Katherine, I'm impressed by you! I have to say that the best way of teaching people to cook is to invite them to cook and eat with you. Most people would gladly join in and help you with what they can, and will learn while doing it even without "lectures". I like to cook (most of the time) and do cook healthy, but I too have learned loads by cooking together with other people, and most of all, cooking together is both fun and inspiring. Off course, there will always be those who only mill around the kitchen, but I like to think that they learn something as well, I'm a great believer in passive learning ;)
As for kitchen equipment being expensive; I started out with 1 cooker, a couple of pots and pans from goodwill, a medium sized all purpose knife (also from goodwill), a plastic cutting board (the cheapest from the supermarket), a strainer (goodwill), a potato peeler, a grater, a can opener and a spatula (the last four probably also from goodwill, but I can't remember).
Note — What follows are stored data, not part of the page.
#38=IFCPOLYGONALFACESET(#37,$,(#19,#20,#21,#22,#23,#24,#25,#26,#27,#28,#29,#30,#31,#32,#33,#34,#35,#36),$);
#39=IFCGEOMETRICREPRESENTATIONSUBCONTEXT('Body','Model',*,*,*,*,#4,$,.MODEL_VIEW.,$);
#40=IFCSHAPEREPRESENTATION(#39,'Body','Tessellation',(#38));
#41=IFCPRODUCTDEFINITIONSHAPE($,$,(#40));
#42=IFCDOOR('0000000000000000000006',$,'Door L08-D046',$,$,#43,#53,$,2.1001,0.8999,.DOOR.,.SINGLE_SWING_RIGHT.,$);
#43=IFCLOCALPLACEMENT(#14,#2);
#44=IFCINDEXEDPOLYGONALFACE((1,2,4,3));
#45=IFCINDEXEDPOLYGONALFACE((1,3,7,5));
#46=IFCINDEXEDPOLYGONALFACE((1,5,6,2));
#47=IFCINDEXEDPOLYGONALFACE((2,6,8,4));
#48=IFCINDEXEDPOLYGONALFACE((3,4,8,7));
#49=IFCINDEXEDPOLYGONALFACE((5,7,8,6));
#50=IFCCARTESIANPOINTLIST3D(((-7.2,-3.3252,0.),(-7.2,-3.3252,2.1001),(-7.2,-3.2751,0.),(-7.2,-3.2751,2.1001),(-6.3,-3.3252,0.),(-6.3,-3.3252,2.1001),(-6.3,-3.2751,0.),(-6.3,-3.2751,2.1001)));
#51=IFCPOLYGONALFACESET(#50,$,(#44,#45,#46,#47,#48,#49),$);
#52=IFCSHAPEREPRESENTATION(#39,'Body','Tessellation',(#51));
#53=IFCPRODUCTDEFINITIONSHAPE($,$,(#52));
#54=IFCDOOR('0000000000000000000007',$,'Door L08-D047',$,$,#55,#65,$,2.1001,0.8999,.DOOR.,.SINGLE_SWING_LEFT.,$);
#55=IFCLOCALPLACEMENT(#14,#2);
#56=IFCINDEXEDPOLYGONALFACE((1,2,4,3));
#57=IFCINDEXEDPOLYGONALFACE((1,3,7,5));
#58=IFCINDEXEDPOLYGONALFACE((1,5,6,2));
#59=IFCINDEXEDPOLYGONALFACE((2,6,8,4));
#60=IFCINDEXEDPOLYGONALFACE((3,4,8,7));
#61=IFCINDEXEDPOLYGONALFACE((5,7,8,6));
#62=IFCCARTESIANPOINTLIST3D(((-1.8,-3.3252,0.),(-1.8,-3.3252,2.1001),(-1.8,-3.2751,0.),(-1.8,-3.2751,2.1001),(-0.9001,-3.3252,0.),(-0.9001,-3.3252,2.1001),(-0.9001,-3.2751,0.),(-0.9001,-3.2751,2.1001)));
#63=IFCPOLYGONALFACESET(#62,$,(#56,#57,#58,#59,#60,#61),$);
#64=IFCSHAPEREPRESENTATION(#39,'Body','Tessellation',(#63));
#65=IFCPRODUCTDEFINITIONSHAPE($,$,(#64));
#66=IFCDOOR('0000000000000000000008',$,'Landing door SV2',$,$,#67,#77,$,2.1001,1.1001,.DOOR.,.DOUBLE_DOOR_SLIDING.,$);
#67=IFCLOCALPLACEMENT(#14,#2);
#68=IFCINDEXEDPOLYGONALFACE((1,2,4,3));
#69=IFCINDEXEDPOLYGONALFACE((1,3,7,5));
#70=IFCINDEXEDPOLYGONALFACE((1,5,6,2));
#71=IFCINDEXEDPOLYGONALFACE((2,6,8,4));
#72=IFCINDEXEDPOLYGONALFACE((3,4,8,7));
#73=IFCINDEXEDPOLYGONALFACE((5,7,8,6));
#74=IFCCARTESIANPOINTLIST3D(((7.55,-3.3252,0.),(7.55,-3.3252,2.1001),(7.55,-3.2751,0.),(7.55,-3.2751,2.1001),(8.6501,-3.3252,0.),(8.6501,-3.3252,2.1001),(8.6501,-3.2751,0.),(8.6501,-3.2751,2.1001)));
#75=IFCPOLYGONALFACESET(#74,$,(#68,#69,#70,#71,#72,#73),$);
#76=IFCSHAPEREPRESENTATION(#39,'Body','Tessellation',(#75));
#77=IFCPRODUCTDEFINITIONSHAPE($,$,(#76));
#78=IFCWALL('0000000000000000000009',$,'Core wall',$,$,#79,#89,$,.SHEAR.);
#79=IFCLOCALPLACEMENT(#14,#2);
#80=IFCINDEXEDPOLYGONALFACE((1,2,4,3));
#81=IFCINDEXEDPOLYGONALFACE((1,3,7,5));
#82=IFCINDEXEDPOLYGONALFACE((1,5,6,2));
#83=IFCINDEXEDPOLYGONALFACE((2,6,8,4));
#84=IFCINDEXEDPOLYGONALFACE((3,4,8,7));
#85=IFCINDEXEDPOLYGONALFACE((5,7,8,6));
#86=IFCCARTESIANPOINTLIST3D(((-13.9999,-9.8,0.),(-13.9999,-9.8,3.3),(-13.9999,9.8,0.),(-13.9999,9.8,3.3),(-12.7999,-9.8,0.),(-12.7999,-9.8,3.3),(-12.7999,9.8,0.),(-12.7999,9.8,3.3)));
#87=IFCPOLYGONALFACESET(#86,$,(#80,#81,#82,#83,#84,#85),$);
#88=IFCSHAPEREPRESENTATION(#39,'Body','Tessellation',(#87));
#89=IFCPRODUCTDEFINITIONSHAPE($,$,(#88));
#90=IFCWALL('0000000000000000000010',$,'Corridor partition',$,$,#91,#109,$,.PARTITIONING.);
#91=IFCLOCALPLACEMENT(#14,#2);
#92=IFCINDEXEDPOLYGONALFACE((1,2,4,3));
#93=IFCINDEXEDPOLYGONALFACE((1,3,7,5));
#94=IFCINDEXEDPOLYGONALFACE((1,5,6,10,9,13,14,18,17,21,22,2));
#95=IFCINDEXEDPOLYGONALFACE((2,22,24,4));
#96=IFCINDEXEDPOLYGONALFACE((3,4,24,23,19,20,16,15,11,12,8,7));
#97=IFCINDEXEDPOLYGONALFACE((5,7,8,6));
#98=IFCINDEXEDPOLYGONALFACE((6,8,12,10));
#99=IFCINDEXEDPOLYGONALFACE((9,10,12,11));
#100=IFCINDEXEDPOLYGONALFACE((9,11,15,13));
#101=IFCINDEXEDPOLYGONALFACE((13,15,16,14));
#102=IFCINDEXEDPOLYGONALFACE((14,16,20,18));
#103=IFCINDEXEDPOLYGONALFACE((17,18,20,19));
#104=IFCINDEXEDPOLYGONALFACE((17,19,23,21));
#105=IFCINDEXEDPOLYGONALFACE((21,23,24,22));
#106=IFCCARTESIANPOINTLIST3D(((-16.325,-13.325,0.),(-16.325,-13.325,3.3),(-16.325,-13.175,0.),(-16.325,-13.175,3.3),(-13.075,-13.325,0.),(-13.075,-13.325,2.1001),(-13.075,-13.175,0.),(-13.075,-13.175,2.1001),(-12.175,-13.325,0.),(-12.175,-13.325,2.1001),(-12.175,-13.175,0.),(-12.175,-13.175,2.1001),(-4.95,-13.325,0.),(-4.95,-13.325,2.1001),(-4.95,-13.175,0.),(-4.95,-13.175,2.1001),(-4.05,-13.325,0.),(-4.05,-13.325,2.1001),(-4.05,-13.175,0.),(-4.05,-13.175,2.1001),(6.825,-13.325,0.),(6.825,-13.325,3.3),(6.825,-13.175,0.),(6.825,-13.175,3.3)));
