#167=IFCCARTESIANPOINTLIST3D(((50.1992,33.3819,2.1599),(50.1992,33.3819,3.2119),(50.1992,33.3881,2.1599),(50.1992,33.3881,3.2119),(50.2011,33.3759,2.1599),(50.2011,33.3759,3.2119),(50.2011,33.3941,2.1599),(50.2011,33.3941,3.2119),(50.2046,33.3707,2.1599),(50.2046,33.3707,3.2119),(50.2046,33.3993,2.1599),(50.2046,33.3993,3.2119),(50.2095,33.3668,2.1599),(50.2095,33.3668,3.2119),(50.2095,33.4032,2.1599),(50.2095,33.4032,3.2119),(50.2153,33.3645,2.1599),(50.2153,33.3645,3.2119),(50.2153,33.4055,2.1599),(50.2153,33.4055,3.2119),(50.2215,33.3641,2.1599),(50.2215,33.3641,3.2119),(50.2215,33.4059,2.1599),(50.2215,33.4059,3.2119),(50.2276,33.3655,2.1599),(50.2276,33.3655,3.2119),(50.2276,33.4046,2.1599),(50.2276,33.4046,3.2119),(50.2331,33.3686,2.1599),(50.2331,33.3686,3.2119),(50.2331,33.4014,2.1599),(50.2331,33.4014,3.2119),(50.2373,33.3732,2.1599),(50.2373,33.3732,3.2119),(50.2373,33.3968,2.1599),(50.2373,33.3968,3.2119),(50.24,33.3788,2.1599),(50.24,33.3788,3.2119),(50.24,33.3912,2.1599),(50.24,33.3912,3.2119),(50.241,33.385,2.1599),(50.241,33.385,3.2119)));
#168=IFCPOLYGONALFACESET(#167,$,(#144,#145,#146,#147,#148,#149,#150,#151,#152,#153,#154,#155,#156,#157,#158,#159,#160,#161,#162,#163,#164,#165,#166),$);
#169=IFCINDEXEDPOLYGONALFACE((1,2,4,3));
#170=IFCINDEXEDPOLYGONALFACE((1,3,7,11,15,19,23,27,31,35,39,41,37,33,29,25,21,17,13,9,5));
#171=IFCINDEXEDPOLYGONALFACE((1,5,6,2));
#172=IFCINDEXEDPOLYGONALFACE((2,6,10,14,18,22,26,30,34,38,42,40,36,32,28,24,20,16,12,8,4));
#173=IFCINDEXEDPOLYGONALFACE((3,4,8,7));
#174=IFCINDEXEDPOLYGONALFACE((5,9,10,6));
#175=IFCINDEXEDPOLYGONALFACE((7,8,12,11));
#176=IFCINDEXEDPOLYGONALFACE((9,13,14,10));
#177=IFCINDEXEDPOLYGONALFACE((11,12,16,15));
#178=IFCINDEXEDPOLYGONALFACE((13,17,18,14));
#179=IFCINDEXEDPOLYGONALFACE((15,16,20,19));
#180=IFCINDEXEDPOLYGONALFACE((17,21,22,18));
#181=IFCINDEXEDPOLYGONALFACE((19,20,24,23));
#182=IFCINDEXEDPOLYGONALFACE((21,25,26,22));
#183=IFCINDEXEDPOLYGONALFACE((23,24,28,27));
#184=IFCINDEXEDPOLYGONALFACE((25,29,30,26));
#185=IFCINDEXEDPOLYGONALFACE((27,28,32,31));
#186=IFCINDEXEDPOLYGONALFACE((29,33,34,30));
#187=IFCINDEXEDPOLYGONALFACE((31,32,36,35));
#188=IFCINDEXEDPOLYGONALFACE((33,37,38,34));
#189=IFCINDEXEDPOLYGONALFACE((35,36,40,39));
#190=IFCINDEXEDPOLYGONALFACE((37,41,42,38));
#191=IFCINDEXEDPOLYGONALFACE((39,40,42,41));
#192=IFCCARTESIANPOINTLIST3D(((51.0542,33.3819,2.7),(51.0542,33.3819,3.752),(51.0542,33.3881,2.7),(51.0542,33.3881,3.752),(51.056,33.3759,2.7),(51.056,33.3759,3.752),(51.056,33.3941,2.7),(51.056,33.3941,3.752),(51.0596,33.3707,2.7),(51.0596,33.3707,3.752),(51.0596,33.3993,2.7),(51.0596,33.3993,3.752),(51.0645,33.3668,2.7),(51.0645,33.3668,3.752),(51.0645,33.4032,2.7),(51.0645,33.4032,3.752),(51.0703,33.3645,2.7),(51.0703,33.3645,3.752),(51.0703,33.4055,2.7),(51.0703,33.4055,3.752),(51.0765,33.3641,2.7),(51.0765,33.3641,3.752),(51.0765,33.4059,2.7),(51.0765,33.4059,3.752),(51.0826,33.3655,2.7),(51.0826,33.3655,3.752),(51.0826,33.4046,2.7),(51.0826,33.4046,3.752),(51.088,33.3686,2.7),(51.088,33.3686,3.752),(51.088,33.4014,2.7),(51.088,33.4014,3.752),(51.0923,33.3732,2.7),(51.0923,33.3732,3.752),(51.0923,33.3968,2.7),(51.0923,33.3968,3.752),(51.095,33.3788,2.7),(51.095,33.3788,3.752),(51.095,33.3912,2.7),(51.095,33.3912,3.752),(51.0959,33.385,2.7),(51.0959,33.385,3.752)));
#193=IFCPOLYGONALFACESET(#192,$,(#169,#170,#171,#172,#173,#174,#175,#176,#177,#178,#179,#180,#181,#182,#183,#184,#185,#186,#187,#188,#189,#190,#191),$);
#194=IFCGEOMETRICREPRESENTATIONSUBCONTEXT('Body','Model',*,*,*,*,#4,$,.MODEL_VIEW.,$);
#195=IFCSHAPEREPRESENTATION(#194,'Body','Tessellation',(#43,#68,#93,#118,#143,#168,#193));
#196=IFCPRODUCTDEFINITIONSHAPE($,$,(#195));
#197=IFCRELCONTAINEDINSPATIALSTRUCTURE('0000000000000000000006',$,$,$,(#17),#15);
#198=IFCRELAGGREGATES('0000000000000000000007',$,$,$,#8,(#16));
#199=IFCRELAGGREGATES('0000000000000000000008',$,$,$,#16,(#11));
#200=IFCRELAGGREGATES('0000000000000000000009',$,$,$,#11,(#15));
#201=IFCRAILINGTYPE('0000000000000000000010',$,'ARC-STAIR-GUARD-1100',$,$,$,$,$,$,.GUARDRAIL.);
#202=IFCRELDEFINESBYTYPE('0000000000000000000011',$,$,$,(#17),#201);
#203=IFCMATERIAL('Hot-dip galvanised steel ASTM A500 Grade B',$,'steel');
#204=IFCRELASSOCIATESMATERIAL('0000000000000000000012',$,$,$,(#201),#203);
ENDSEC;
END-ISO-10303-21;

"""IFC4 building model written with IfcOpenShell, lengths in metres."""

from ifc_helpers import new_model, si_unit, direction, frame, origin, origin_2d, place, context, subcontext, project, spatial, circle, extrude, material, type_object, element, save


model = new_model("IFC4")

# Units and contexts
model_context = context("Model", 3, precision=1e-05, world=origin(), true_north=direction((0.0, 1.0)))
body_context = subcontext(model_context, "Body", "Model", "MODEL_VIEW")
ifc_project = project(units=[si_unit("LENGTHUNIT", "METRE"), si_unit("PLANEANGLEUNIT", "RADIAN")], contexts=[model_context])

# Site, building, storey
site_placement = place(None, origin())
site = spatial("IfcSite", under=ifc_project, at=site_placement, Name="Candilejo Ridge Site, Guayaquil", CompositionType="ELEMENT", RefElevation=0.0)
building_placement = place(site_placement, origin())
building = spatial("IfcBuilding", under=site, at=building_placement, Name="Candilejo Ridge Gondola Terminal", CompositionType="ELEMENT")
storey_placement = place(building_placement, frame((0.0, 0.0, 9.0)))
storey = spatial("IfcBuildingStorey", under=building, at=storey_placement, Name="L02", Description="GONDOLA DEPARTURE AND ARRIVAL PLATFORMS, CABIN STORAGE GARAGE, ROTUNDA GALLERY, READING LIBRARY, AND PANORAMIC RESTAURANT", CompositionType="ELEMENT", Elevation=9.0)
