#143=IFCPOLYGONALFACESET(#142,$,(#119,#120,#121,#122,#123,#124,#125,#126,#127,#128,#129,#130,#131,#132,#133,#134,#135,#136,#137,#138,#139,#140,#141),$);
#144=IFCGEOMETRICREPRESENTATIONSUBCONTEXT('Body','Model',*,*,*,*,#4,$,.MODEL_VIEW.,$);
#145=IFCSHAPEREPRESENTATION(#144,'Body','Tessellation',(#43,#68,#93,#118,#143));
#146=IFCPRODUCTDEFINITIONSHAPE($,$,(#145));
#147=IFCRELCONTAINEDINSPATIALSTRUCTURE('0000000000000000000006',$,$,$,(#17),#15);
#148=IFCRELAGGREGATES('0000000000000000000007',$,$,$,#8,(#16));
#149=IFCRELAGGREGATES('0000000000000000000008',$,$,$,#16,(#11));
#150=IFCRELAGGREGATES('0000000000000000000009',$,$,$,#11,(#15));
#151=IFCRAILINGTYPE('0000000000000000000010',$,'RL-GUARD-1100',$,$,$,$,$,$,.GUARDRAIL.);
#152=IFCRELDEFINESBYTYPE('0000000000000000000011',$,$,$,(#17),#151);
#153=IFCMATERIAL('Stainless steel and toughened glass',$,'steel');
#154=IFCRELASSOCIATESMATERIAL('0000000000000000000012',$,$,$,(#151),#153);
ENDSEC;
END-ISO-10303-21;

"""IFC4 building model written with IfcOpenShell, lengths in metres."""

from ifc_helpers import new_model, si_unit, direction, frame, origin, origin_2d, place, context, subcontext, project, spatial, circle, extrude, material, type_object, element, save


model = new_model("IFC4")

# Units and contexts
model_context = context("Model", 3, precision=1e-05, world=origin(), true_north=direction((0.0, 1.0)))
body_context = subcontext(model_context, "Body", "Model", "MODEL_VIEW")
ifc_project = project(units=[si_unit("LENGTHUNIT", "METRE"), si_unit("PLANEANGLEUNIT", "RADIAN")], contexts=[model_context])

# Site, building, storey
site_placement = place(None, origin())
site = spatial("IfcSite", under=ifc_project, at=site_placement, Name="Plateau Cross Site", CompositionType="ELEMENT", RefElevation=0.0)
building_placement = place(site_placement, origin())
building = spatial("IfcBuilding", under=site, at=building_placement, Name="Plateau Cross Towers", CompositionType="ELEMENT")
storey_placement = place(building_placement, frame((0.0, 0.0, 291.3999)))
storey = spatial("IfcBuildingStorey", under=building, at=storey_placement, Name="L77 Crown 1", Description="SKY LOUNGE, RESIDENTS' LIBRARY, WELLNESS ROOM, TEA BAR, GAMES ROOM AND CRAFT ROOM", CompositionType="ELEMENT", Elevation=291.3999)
This was perfectly adequate for basic, everyday cooking. I also had a couple of plates, bowls, cups and glasses, but not really for more than 2 people, so for many years I had to ask my dinner guests to bring their own. Almost everything I had in the kitchen was from goodwill or the dollar store, and I didn't really pay much for it at all, so I disagree with the notion that it is expensive to equip a kitchen, it can be, but it doesn't have to be. As for cooking being more expensive than eating out, if I hadn't cooked, my earnings would only have lasted a week, now it lasted the whole month, though admittedly, some months I had rice and beans and grated carrots for every meal but breakfast for the last week, but I did have food on the table!